If your pregnancy has no complications, the best time to travel is when you are 14 to 28 weeks pregnant.
Wherever you go, find out what healthcare facilities are at your destination in case you require urgent medical attention.
It’s a good idea to take your medical records with you so you can give doctors the relevant information if necessary. Have a check-up before you travel and don’t go unless you get the all-clear from your doctor.
Make sure your travel insurance covers you for any eventuality, such as pregnancy-related medical care during labour, premature birth and the cost of changing the date of your return trip if you go into labour.
When to travel
Many women prefer not to travel in the first 12 weeks of pregnancy because of the exhaustion and nauseathey experience during these early stages.
The first three months are a sensitive stage, with a higher risk of miscarriage or ectopic pregnancy. However, if you feel well and you’ve discussed it with your doctor, there’s no reason why you can’t travel at this time.
After week 28, the biggest factor in deciding whether to travel, apart from the issue of comfort, is the risk of going into early labour.
If you decide to go away, consult your doctor, who will determine your risk of a premature birth. If you get the all clear, make sure there are adequate facilities at your destination in case you go into labour.
“Travel during pregnancy is a concern for many women,” says Sarah Reynolds, a consultant obstetrician and gynaecologist at the Bedford Hospital NHS Trust.
“But if your pregnancy has no complications then there’s no reason why you can’t travel safely as long as you take the right precautions.”
Here are some general tips to ensure you and your baby stay healthy during your travels.
Flying is not harmful for you or your baby, but some airlines will not let you fly towards the end of your pregnancy. Check the conditions with the airline.
The best time to fly is between 14 and 28 weeks, when there’s a lower risk of miscarriage or labour. Consult your doctor before booking your flight.
Long-distance travel (longer than five hours) carries a small risk of deep vein thrombosis (DVT) in pregnant women. If you fly, drink plenty of water and move about regularly.
For long-haul flights, you can buy a pair of flight socks (also called compression stockings), which will reduce leg swelling. Make sure you buy the correct type and size of stocking and know how to wear them correctly, as ill-fitting stockings could further increase the risk of DVT.

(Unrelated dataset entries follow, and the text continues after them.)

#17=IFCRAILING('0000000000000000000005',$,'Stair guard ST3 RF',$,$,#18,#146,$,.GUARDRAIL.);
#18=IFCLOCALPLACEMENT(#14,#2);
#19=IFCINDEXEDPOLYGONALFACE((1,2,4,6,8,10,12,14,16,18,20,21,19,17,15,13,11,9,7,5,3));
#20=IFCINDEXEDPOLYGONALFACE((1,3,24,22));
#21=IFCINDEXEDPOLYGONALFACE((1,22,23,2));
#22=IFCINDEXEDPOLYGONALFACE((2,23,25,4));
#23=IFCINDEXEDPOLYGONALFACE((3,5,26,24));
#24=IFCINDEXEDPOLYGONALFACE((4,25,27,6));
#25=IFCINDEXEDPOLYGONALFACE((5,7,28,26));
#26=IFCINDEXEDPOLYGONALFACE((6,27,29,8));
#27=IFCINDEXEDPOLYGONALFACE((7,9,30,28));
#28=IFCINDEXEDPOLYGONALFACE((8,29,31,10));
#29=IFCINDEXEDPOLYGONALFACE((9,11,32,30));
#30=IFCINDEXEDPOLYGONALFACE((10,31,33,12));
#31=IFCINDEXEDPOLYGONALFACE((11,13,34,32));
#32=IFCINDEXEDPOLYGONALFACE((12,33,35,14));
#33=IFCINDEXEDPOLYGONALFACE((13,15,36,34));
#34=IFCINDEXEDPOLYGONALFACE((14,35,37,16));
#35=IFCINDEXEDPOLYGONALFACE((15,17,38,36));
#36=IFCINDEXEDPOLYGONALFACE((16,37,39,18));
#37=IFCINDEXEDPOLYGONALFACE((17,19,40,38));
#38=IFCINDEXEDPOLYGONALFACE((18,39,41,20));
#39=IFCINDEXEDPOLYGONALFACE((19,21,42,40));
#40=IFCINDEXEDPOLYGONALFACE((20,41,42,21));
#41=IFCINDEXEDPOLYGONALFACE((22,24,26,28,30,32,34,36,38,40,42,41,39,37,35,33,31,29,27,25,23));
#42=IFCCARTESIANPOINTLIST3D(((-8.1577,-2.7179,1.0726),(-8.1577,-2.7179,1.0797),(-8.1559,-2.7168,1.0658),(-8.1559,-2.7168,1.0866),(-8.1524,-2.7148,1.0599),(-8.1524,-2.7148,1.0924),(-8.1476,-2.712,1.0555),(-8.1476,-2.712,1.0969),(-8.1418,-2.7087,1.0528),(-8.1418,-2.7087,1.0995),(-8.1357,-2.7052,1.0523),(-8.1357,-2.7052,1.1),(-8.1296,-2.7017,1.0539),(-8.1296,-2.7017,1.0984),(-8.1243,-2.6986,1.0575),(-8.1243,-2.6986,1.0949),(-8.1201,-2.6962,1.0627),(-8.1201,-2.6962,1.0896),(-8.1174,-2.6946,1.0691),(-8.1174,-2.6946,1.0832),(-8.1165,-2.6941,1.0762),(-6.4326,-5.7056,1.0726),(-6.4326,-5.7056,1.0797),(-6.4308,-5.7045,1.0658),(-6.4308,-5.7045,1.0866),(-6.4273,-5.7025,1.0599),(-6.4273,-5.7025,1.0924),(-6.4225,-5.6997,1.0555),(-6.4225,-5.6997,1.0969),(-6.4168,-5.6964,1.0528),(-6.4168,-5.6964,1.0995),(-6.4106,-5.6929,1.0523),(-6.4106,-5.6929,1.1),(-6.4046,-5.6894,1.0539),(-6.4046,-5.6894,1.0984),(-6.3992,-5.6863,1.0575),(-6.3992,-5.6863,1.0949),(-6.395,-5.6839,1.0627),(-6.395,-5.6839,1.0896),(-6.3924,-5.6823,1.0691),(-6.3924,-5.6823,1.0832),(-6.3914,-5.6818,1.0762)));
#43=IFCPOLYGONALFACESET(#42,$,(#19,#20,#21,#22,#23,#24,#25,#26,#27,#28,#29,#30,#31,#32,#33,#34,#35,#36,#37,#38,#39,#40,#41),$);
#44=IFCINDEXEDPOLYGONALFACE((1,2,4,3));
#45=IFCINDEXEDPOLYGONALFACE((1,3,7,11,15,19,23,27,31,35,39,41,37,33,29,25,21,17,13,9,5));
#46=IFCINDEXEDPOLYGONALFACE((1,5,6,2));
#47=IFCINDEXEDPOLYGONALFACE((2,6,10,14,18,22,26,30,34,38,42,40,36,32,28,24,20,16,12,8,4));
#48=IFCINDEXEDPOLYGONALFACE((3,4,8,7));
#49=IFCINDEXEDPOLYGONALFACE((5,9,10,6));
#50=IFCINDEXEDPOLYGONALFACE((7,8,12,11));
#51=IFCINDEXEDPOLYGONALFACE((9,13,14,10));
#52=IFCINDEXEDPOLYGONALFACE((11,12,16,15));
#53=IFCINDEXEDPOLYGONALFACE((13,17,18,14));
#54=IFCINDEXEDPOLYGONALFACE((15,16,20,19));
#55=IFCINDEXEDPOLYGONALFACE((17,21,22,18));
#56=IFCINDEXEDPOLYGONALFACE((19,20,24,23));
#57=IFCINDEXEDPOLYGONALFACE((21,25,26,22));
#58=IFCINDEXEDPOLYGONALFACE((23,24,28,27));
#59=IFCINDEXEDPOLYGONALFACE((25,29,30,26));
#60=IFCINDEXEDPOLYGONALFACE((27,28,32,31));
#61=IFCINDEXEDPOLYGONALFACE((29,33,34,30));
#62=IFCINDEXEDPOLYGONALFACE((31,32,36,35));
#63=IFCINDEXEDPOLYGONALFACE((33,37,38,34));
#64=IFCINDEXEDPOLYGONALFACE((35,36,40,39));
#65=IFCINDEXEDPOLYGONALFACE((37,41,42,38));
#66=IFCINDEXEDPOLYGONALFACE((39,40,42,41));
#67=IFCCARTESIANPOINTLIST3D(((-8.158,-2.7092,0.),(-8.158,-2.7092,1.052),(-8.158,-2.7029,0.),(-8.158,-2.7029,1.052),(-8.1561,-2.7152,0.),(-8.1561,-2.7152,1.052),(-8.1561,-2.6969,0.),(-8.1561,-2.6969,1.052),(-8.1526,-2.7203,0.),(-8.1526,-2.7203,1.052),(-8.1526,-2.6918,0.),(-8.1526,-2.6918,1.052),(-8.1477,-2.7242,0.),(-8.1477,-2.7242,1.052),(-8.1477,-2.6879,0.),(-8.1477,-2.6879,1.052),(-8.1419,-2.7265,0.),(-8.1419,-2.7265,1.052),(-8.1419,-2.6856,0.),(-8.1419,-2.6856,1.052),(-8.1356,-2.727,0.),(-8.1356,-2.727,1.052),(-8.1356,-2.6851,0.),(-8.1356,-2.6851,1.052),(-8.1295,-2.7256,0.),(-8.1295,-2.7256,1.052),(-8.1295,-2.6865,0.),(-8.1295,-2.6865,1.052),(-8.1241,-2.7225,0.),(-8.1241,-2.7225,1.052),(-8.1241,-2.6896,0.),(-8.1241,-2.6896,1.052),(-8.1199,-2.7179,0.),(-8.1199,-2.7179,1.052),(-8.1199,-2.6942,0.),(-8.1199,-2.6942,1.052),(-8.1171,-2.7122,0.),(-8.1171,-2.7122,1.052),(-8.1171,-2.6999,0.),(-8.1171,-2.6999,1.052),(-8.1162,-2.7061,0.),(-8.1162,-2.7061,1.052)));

Vaccines are not recommended because of concerns that the virus or bacteria in the jab could harm the baby in the womb. You are generally advised to avoid travelling to countries where immunisation is required. Similarly, anti-malaria tablets are not considered safe for pregnant women.
“However, if you must travel to areas requiring inoculation, you should get your jabs,” says Sarah. “The risk of catching an infectious disease far outweighs the risk from vaccination.”
Fatigue and dizziness are common during pregnancy so it’s important to drink regularly, eat natural, energy-giving foods (such as fruit and nuts) and stop regularly for a break.
Keep the air circulating in the car and wear your seatbelt with the cross strap between your breasts and the lap strap across your pelvis rather than your stomach.
Road accidents are among the most common causes of injury in pregnant women. Avoid making long trips on your own and share the driving with your companion.
Travel by boat
Ferry companies have their own restrictions and may refuse to carry heavily pregnant women (often beyond 32 weeks). Check the ferry company’s policy before you book. For longer boat trips, such as cruises, find out if there are onboard facilities to deal with pregnancy and if there are medical services at the docking ports.
Food and drink
Take care to avoid food- and water-borne conditions, such as stomach upsets and travellers’ diarrhoea (TD). Some medicines for treating stomach upsets and TD aren’t suitable during pregnancy.
Always check if tap water is safe. If in doubt, drink bottled water. If you get ill, keep hydrated and continue eating for the health of your baby, even if you may not be hungry.